Generic JESD204 block designs

Using the generic building blocks from the ADI IP library, together with the JESD framework, parametrizable block designs can be built to interface ADI ADCs and DACs in various JESD modes.

Generic TX path

The following diagram presents a generic JESD TX path from the Application Layer to the FPGA boundary. The application layer is connected to the TX path through the DAC Transport Layer, which for each converter it accepts a data beat on every cycle. The width of data beat is defined by the SPC and NP parameter.

SPC represents the number of samples per converter per data clock cycle. SPC must be a natural number (greater than one and a whole number).

Generic JESD204 TX path

On each clock cycle, the Link layer accepts 32 bits per every lane as a constraint from the physical layer that is configured to 32-bit mode. This means that for each clock cycle, the application layer must provide enough samples for each converter such that the Transport Layer can fill 32 bits of data for each lane.

Due to this constraint, the following equation must hold:

L * 32 = M * NP * SPC

In such designs, the following constraints apply to the Transport Layer:

  • F = {1, 2, 4}

  • NP = {8, 16}

Important

Some general rules that always should hold:

  • LaneRate = SampleRate * (10/8) * (M/L) * NP

  • SampleRate = DAC_rate/Total_interpolation

  • Link Clock = Lane Rate / 40

  • If OUTDIV_CLK is used: Link Clock = (RefClock)/((OutClkSel == 4)? 2 : (OutClkSel == 3)? 1 : 1)

Where:

  • M - “adi,converters-per-device”, device tree property from “axi-jesd204-tx” node

  • L - number of lanes per link, parameter of JESD IP

  • NP - “adi,bits-per-sample” device tree property from “axi-jesd204-tx” node

  • RefClock - reference clock for the transceivers

  • SampleRate - rate of the samples that feeds the JESD link

  • DAC_rate - DAC raw sample rate after interpolation

  • Total_interpolation - product of selected interpolations on the datapath, e.g: DAC_interpolation * Channel_interpolation

  • OutClkSel - “adi,out-clk-select” device tree property from XCVR node

More information on the DAC Transport Layer can be found in DAC JESD204B/C Transport Peripheral page.

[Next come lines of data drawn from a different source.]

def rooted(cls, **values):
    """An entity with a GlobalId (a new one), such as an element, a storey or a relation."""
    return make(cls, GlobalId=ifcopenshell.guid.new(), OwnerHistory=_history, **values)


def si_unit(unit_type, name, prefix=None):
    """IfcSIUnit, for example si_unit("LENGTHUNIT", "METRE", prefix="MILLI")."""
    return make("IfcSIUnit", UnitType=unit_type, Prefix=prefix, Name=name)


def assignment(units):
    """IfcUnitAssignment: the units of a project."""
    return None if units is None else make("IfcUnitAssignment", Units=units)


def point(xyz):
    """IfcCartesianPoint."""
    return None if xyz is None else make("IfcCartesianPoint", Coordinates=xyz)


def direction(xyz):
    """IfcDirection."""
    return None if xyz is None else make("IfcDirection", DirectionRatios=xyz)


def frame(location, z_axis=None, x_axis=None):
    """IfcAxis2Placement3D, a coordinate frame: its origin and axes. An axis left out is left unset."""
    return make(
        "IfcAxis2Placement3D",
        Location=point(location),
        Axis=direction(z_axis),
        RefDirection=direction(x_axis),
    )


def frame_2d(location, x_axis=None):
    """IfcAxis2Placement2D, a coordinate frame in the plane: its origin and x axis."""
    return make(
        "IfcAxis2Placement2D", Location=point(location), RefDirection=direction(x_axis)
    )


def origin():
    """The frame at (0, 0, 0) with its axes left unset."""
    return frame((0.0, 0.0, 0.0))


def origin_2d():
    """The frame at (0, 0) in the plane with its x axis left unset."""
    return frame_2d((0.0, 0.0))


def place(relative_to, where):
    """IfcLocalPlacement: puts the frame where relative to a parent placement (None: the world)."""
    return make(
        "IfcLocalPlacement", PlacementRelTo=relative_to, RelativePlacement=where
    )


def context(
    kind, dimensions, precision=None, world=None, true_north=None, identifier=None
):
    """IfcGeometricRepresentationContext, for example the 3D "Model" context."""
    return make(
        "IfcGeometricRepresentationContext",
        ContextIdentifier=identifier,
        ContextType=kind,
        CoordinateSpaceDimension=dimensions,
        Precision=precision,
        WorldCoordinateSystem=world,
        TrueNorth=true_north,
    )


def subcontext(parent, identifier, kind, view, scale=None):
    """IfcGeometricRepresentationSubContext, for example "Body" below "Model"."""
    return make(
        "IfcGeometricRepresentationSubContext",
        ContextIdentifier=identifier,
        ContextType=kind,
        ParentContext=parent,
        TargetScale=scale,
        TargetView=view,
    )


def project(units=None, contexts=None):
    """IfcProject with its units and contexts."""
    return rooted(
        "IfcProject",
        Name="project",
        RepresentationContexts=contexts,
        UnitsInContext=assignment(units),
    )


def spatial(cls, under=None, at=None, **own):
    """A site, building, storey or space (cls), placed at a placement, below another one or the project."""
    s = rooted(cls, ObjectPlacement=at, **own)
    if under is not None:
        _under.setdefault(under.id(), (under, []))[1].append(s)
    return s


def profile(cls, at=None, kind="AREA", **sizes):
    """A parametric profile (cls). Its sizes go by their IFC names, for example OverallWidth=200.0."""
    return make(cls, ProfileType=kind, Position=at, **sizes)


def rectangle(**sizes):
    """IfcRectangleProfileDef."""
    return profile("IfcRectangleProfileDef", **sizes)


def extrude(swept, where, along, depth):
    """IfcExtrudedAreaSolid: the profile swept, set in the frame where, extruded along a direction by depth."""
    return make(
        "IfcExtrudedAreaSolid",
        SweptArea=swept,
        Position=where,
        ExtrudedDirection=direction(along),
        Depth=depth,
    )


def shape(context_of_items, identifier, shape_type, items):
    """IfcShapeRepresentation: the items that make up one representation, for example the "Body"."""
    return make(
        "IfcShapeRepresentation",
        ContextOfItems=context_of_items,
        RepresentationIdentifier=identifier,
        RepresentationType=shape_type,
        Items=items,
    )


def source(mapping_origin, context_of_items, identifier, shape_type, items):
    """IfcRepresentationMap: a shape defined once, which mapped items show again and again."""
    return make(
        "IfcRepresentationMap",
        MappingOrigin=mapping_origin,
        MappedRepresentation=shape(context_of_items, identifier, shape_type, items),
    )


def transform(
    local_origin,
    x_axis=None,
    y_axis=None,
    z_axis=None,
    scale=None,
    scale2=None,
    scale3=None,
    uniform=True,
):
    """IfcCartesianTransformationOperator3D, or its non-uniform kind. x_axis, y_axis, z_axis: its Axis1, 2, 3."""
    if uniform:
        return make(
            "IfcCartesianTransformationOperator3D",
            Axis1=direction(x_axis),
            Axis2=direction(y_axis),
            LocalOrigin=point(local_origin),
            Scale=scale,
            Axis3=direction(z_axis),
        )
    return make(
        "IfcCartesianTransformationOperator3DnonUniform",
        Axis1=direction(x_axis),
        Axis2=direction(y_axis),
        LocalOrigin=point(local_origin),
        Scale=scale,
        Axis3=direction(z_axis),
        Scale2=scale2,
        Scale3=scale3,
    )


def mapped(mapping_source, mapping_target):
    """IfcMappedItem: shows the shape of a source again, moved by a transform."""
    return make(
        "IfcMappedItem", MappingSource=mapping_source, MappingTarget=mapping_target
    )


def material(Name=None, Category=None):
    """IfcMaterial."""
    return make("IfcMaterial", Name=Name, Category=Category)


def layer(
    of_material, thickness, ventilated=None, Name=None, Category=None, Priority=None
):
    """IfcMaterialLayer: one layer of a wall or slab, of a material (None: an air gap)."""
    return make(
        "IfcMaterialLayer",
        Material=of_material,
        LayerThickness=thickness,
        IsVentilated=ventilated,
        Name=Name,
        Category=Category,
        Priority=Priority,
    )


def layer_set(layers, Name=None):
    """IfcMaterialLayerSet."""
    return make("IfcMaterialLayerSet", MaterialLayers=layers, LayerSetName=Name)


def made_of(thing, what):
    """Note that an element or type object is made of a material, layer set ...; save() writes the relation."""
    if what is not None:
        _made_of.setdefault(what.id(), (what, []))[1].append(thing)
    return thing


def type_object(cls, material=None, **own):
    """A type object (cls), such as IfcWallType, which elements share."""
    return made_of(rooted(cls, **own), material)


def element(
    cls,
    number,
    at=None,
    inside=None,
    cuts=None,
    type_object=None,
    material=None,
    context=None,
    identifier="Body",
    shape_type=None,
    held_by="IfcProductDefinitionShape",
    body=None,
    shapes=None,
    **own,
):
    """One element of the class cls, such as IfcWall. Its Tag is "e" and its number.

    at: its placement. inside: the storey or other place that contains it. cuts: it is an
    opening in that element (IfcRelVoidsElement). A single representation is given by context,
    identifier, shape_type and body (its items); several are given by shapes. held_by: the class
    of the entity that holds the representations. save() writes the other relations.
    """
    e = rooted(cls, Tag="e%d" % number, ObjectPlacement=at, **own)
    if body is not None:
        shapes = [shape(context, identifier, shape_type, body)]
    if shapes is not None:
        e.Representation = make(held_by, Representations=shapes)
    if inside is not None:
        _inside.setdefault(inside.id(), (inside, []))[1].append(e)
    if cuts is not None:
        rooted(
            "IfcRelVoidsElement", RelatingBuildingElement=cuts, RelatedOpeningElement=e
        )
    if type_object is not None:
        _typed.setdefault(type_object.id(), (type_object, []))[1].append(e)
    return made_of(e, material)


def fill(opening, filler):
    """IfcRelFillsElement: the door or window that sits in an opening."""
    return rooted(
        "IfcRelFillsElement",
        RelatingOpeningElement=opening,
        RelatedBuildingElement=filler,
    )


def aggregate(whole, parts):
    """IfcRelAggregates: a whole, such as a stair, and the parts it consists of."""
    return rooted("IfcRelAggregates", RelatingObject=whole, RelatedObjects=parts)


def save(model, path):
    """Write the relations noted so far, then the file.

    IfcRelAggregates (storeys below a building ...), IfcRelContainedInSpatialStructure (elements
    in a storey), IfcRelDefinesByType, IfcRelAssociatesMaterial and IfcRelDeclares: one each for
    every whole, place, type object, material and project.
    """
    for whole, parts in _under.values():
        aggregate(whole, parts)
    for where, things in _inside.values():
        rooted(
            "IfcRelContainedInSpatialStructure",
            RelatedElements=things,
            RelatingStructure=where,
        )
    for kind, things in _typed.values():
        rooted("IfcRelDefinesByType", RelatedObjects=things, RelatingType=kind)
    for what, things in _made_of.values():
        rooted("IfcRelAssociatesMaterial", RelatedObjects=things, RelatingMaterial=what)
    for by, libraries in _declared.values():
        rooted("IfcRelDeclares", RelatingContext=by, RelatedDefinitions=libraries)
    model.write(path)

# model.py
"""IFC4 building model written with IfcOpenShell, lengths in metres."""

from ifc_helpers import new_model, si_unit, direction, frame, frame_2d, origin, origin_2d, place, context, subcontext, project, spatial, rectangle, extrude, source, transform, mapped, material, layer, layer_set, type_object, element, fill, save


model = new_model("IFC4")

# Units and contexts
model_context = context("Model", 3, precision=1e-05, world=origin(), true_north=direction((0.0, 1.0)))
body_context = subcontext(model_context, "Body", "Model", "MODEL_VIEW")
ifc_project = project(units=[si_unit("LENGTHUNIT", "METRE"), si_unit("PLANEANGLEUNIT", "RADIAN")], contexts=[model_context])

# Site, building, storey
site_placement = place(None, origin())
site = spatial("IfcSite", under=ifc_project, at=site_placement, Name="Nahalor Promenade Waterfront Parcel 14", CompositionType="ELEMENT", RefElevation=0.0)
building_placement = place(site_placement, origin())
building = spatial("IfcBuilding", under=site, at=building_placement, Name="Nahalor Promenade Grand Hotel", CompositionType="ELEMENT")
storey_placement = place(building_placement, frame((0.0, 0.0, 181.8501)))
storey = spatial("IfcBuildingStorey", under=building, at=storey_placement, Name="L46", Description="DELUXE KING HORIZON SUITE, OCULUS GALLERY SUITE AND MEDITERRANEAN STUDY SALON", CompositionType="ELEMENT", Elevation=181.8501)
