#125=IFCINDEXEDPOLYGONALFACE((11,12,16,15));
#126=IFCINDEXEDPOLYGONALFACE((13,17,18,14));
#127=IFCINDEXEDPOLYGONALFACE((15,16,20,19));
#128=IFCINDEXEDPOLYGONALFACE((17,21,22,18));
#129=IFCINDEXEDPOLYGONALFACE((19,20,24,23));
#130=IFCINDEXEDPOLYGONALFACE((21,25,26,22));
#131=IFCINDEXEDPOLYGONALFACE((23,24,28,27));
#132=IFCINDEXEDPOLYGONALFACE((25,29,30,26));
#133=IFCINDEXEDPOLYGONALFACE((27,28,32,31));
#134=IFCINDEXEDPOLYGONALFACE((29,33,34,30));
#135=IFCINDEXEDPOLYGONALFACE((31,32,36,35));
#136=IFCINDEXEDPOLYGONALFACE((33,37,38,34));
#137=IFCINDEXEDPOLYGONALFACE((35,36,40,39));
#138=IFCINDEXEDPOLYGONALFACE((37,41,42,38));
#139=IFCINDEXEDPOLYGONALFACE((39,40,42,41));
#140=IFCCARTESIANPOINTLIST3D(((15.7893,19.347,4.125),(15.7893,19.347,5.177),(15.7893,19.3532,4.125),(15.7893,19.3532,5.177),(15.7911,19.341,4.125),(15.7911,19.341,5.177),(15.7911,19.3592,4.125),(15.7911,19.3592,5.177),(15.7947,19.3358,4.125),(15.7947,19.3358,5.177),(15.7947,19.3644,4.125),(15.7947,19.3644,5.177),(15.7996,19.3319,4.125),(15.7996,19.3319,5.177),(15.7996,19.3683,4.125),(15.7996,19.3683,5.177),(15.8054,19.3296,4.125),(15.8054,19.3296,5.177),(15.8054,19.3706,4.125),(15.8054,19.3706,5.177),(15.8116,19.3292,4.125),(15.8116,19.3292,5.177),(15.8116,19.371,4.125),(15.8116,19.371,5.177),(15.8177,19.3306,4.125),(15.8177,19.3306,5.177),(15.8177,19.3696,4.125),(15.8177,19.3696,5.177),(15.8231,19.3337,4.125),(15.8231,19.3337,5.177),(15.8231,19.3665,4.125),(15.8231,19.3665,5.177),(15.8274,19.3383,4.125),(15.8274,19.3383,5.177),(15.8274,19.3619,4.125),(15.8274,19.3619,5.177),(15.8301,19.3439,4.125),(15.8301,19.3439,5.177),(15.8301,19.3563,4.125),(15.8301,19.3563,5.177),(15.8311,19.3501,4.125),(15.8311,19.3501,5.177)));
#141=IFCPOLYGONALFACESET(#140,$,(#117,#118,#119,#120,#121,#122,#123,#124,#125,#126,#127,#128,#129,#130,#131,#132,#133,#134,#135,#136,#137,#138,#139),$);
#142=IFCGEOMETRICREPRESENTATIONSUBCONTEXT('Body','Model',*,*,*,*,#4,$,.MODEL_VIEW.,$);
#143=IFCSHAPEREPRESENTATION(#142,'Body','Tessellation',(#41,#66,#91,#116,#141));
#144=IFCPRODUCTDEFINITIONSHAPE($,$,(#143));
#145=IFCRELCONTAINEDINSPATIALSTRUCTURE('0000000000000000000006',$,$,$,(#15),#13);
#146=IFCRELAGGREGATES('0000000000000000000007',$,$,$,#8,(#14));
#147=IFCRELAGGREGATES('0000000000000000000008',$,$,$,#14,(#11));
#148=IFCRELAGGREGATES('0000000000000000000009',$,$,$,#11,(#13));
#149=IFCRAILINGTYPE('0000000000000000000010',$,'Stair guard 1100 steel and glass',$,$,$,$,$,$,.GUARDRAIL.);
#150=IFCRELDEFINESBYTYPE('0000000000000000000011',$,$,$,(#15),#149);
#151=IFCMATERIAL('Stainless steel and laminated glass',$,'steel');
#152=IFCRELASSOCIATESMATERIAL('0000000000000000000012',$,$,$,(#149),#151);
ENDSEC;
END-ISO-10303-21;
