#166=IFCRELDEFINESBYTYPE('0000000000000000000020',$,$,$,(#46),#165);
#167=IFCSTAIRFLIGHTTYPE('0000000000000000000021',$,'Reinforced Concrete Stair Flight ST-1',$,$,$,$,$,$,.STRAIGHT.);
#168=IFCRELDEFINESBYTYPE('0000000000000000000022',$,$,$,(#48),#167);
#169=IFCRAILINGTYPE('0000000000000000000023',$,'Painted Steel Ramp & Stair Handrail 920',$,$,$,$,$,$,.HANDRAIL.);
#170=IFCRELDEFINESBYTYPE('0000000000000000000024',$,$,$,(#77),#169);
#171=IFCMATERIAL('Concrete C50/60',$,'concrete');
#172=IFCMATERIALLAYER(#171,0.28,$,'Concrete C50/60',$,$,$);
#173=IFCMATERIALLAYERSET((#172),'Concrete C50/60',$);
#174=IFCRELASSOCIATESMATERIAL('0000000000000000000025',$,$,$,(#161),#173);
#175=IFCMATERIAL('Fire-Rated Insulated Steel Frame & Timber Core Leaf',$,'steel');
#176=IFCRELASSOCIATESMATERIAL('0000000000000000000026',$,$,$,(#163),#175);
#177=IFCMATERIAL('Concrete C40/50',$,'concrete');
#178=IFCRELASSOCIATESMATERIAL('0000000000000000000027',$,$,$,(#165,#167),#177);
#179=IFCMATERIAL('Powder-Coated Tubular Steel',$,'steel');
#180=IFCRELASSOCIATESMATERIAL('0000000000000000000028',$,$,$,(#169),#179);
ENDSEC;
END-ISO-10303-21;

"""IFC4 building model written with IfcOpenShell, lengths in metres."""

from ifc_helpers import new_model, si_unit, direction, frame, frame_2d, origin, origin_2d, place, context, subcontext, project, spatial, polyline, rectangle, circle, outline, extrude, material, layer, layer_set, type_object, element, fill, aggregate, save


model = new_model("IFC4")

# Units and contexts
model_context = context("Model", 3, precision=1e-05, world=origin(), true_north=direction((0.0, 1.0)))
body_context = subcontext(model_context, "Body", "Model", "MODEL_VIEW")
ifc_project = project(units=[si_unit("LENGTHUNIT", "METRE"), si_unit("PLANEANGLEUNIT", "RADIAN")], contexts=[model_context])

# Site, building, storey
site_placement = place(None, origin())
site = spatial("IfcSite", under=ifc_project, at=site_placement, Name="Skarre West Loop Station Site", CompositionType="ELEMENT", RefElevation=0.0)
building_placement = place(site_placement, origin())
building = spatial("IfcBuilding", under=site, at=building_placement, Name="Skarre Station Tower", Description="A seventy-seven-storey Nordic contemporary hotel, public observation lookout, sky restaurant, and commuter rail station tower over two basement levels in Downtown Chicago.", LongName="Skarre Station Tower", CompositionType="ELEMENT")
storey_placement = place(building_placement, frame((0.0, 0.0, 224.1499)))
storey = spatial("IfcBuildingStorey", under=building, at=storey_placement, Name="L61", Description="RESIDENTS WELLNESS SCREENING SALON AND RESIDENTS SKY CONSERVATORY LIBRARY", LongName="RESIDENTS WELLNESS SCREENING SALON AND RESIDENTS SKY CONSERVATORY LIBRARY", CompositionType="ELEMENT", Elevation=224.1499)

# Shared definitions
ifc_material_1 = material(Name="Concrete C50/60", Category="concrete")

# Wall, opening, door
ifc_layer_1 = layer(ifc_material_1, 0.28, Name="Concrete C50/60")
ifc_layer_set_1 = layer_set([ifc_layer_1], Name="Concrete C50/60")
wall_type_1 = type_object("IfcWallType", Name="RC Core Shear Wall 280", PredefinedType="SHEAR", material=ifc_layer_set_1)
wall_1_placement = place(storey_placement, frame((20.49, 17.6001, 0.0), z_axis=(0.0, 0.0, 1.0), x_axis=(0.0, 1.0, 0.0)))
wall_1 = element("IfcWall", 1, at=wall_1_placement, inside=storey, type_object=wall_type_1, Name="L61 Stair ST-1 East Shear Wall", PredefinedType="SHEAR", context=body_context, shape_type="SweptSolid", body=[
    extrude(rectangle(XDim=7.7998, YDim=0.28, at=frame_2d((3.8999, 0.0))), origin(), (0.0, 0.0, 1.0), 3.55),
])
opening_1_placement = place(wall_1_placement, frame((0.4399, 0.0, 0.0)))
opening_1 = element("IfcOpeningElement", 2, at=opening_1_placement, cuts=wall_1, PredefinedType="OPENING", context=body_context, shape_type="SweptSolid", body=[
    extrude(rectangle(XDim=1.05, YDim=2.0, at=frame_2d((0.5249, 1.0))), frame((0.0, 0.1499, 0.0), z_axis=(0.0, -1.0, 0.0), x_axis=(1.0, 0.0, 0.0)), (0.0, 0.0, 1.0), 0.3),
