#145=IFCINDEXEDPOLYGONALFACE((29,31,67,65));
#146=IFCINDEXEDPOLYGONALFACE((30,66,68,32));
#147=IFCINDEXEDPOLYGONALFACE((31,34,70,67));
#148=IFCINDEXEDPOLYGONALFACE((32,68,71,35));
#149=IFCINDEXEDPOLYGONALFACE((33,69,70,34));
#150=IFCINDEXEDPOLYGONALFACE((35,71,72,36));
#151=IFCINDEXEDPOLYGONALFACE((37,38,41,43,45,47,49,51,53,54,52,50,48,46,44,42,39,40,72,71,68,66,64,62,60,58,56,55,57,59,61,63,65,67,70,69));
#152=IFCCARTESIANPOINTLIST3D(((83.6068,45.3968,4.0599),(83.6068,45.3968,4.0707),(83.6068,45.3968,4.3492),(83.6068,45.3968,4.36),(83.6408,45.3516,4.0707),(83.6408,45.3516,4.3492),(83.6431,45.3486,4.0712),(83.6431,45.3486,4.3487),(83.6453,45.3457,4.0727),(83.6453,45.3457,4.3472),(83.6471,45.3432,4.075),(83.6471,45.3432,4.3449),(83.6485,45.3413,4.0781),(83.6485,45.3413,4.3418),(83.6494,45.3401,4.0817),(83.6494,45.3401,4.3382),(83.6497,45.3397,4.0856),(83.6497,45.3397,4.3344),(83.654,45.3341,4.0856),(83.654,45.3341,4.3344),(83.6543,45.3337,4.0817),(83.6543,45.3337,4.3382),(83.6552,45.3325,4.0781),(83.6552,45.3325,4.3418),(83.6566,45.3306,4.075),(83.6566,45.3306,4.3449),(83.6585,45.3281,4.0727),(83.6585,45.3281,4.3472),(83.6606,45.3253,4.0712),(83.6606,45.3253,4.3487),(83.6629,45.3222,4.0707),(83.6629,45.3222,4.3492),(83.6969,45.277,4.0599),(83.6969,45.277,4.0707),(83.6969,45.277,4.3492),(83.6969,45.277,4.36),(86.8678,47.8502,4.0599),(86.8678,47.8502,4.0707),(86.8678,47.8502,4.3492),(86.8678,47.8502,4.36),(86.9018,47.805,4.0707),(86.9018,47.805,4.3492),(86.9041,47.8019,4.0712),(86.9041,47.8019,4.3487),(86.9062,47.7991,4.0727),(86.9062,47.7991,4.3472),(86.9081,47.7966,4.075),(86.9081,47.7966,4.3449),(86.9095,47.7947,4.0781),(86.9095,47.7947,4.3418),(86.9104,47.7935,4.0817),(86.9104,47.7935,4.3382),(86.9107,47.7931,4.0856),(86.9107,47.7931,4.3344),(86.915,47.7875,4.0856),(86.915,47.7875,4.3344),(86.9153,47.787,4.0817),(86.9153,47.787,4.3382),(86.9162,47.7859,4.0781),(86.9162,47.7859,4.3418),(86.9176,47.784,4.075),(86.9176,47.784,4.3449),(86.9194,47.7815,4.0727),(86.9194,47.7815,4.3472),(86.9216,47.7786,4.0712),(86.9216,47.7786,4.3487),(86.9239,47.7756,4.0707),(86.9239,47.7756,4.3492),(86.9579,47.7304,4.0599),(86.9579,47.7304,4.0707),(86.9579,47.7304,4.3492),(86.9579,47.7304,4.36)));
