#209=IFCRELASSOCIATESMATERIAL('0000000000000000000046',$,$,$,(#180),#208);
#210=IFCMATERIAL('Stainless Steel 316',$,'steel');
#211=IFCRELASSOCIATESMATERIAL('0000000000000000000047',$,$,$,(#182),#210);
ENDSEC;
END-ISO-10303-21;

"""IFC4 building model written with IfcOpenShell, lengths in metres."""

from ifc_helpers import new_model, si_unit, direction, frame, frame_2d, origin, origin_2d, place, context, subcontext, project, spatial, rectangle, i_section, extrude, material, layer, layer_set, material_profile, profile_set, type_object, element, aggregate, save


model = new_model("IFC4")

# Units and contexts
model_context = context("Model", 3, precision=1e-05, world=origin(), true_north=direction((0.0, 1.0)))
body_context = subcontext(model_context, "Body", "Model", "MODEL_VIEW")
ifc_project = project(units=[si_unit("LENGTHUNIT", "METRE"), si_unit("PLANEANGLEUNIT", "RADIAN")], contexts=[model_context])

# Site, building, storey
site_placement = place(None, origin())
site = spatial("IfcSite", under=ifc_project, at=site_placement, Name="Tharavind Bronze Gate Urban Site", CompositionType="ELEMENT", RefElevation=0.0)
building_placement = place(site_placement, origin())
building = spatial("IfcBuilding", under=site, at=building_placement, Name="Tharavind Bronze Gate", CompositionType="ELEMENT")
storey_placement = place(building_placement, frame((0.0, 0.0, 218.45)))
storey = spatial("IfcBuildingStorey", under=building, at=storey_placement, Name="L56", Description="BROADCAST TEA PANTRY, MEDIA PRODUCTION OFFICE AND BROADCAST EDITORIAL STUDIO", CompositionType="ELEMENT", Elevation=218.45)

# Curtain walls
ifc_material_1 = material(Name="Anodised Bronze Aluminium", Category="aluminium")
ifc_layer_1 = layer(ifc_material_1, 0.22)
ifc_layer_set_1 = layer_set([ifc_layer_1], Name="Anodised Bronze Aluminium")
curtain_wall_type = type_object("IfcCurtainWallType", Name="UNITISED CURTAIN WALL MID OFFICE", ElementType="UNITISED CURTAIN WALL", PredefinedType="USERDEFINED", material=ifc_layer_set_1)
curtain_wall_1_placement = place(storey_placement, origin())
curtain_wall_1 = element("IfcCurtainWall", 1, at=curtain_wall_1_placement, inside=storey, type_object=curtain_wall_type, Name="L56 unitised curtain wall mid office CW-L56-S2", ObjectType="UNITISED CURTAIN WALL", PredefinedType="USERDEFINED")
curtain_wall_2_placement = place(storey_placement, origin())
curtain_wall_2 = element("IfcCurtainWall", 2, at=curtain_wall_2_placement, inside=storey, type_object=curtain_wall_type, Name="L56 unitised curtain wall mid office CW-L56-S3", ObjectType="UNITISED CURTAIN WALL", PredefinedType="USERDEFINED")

The Link layer consists of L number of lanes which form the link. More information on the TX Link layer can be found in JESD204B/C Link Transmit Peripheral page.

Generic RX path

The following diagram presents a generic JESD RX path from the Application Layer to the FPGA boundary. The Application Layer is connected to the RX path through the ADC Transport Layer, which for each converter generates a data beat on every cycle. The width of data beat is defined by the SPC and NP parameter. SPC represents the number of samples per converter per data clock cycle. SPC must be a natural number (greater than one and a whole number).

Generic JESD204 RX path

On each clock cycle, the Link layer generates 32 bits per every lane as it is constrained from the Physical Layer that is configured to 32-bit mode. This means that for each clock cycle, the Application Layer must accept enough samples for each converter so the Transport Layer use 32 bits of data from each lane.

In such designs, the following constraints apply to the Transport Layer:

  • F = {1, 2, 4}

  • NP = {8, 16}

More information on the ADC Transport layer can be found in ADC JESD204B/C Transport Peripheral page.

The Link layer consists from L number of lanes which form the link. More information on the RX Link layer can be found in JESD204B/C Link Receive Peripheral page.

JESD204 modes with F=8

In a period of LinkClk, the Link layer always handles 32 bits per lane. The Transport Layer running at a same clock rate can fill the 32 bits with frames of 1,2 or 4 bytes.

However, for a link with L=1, M=4, NP=16 the minimum number of bytes per frame that must be supported is 8 (F=8).